If I'm permitted here, my wife & I put down our 15 years old dog, Joie (French for joy) last night. She's been a big part of my wife's life for a long time & my buddy for the last few years since we've been together. I think if you'd have told me how much I could be attached to a dog, I wouldn't have believed you. We truly loved that dog.


----------



## Lisa (Jun 13, 2006)

. :asian:


----------



## Rick Wade (Jun 13, 2006)

.


----------



## Xue Sheng (Jun 13, 2006)

.


----------



## Kacey (Jun 13, 2006)

Of course you're allowed.

For you and your family:

The Rainbow Bridge

Just this 				side of heaven is a place called Rainbow Bridge. 

When an animal dies that has been 				  especially close to someone here, that pet goes to Rainbow Bridge. There are 				  meadows and hills for all of our special friends so they can run and play 				  together. There is plenty of food, water and sunshine, and our friends are warm 				  and comfortable.

All the 				animals who had been ill and old are restored to health and vigor. Those who 				were hurt or maimed are made whole and strong again, just as we remember them 				in our dreams of days and times gone by. The animals are happy and content, 				except for one small thing; they each miss someone very special to them, who 				had to be left behind. 

They all run and play together, but 				  the day comes when one suddenly stops and looks into the distance. His bright 				  eyes are intent. His eager body quivers. Suddenly he begins to run from the 				  group, flying over the green grass, his legs carrying him faster and 				  faster. 


You have been spotted, and when you 				  and your special friend finally meet, you cling together in joyous reunion, 				  never to be parted again. The happy kisses rain upon your face; your hands 				  again caress the beloved head, and you look once more into the trusting eyes of 				  your pet, so long gone from your life but never absent from your heart. 

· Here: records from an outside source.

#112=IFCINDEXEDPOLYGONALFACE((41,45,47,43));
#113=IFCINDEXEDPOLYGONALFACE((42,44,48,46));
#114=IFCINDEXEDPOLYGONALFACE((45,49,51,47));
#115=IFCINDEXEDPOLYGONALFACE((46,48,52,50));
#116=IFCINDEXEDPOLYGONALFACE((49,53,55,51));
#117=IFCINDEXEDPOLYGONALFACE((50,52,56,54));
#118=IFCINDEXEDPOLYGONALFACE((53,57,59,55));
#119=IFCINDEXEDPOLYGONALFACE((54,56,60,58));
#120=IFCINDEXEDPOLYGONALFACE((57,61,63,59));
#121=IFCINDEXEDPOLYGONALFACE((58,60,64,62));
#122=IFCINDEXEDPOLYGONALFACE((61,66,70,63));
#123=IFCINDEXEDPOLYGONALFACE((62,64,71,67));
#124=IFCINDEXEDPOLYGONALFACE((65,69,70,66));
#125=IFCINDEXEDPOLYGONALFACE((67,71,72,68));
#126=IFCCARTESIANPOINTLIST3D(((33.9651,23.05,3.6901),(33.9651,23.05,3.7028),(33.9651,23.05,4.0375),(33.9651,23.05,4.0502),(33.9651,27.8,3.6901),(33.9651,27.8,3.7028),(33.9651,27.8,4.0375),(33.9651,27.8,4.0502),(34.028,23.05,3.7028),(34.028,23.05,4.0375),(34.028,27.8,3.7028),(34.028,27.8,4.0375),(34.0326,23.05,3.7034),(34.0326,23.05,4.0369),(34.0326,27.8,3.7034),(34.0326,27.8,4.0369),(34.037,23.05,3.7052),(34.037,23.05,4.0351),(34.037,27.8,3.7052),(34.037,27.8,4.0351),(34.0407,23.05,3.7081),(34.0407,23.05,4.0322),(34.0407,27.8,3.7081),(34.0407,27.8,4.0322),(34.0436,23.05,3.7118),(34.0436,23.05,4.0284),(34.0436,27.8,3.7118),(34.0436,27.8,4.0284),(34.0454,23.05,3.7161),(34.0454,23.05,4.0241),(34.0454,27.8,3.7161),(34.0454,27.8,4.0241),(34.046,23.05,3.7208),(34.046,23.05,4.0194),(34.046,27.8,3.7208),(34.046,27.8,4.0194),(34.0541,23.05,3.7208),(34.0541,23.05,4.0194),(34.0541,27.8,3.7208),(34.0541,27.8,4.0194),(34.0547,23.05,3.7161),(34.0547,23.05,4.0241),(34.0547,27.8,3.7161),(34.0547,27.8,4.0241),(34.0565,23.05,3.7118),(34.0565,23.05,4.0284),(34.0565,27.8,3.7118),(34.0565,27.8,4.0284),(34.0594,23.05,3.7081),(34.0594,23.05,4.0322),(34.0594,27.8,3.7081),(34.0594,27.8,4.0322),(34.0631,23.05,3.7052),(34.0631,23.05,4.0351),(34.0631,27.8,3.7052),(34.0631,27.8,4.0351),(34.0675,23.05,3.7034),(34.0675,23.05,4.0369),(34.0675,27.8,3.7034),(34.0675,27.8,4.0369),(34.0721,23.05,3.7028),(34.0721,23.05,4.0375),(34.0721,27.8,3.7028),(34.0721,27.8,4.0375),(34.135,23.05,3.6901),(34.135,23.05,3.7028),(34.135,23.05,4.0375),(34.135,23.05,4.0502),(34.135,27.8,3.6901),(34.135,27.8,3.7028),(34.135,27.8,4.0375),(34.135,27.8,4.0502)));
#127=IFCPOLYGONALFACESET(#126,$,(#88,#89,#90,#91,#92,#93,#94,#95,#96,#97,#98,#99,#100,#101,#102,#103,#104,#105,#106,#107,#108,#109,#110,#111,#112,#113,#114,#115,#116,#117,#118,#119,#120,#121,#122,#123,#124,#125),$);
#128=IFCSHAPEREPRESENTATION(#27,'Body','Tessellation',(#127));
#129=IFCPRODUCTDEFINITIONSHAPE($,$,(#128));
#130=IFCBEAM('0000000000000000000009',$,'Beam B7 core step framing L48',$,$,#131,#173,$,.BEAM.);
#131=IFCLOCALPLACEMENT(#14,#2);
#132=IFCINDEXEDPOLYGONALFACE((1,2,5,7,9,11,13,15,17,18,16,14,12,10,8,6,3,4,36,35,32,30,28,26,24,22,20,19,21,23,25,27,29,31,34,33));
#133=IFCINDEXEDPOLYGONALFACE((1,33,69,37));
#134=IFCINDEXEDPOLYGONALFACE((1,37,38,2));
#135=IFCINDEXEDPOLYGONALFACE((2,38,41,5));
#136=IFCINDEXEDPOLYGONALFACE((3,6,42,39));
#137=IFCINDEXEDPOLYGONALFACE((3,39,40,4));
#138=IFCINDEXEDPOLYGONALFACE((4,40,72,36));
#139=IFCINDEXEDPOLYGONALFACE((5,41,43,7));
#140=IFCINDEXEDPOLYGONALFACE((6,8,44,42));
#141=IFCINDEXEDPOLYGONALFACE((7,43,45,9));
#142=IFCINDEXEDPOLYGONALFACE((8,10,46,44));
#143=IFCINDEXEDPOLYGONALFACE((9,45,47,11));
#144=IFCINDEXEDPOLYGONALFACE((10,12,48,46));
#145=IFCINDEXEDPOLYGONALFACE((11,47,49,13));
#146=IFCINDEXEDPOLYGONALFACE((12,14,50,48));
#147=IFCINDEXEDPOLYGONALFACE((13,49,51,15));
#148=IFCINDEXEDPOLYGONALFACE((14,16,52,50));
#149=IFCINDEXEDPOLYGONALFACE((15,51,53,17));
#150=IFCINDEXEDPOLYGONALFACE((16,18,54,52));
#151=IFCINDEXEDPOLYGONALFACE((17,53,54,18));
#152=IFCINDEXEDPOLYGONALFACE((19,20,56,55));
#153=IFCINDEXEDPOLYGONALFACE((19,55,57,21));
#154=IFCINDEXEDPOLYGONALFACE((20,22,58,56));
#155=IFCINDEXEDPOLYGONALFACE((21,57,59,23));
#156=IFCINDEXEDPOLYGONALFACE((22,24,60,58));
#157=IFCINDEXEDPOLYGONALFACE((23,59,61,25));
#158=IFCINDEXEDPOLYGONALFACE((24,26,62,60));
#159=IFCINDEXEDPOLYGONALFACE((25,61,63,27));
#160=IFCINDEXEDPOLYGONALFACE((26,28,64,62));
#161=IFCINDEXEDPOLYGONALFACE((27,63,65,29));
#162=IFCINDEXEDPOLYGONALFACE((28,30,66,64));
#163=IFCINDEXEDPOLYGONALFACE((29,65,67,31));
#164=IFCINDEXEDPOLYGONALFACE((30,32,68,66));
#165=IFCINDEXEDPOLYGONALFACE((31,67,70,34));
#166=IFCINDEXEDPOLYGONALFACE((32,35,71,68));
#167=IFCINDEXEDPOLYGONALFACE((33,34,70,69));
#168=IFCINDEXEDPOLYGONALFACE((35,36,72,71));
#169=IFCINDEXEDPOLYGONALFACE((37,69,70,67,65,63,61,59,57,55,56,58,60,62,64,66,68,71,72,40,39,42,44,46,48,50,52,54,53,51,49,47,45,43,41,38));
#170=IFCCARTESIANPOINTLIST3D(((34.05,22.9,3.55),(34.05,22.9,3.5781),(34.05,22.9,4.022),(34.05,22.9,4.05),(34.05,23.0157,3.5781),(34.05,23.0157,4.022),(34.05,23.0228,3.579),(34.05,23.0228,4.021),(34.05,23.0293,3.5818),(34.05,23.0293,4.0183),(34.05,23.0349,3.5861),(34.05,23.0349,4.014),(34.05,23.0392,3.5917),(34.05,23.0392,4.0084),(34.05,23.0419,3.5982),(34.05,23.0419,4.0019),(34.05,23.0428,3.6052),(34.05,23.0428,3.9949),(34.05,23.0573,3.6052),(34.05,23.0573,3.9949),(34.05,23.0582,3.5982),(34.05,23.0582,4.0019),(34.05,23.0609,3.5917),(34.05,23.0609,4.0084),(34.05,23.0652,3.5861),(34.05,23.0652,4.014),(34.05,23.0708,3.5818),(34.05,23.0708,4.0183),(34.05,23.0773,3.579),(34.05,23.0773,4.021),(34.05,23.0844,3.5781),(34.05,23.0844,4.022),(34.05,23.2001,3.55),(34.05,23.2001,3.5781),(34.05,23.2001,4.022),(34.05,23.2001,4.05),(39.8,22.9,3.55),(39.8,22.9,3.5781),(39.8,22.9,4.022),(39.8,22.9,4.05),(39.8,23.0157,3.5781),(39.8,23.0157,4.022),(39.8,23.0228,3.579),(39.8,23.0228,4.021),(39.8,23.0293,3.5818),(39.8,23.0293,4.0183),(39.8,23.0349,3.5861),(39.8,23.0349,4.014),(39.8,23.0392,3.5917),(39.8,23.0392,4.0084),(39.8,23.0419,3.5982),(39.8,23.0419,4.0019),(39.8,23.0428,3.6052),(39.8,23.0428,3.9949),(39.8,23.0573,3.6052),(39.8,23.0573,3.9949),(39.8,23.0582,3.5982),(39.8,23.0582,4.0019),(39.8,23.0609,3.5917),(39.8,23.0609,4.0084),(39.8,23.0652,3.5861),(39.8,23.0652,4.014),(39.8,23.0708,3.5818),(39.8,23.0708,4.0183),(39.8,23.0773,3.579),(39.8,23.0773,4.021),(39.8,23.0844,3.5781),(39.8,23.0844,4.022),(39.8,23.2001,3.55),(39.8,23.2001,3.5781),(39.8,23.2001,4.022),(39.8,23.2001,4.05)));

Then you cross Rainbow Bridge 				  together....   


Author unknown...


----------



## HKphooey (Jun 13, 2006)

Sorry to hear about your lose.  For many of us (like you), pets are considered family.


----------



## IcemanSK (Jun 13, 2006)

Kacey said:
			
		

> Of course you're allowed.
> 
> For you and your family:
> 
> ...


 
I appreciate this a great deal, Kacey! Thank you.


----------



## Jade Tigress (Jun 13, 2006)

So sorry to hear about your dog Iceman. Their loss is grieved as much as any other member of the family. My thoughts are with you and your wife. :asian:


----------



## bluemtn (Jun 13, 2006)

I'm sorry to hear of your loss, Iceman.  They become a part of the family fast!  :asian: 

.


----------



## MA-Caver (Jun 13, 2006)

The loss of a long time family pet is never easy. 

My condolences to you and yours.


----------



## Ceicei (Jun 13, 2006)

. :asian:


----------



## tshadowchaser (Jun 13, 2006)

.


----------



## chris_&#3617;&#3623;&#3618;&#3652;&#3607;&#3618; (Aug 17, 2006)

:asian:


----------



## HKphooey (Aug 17, 2006)

....:asian:


----------



## John Brewer (Aug 17, 2006)

We've had our dog since she was 8 weeks old and she will be 13 years old soon. I'm not looking forward to that but she's really starting to show her age. Sorry to hear it.


----------



## SFC JeffJ (Aug 17, 2006)

I'm verry sorry for your loss.  Many people without pets don't understand how devastating the loss of one can be.


----------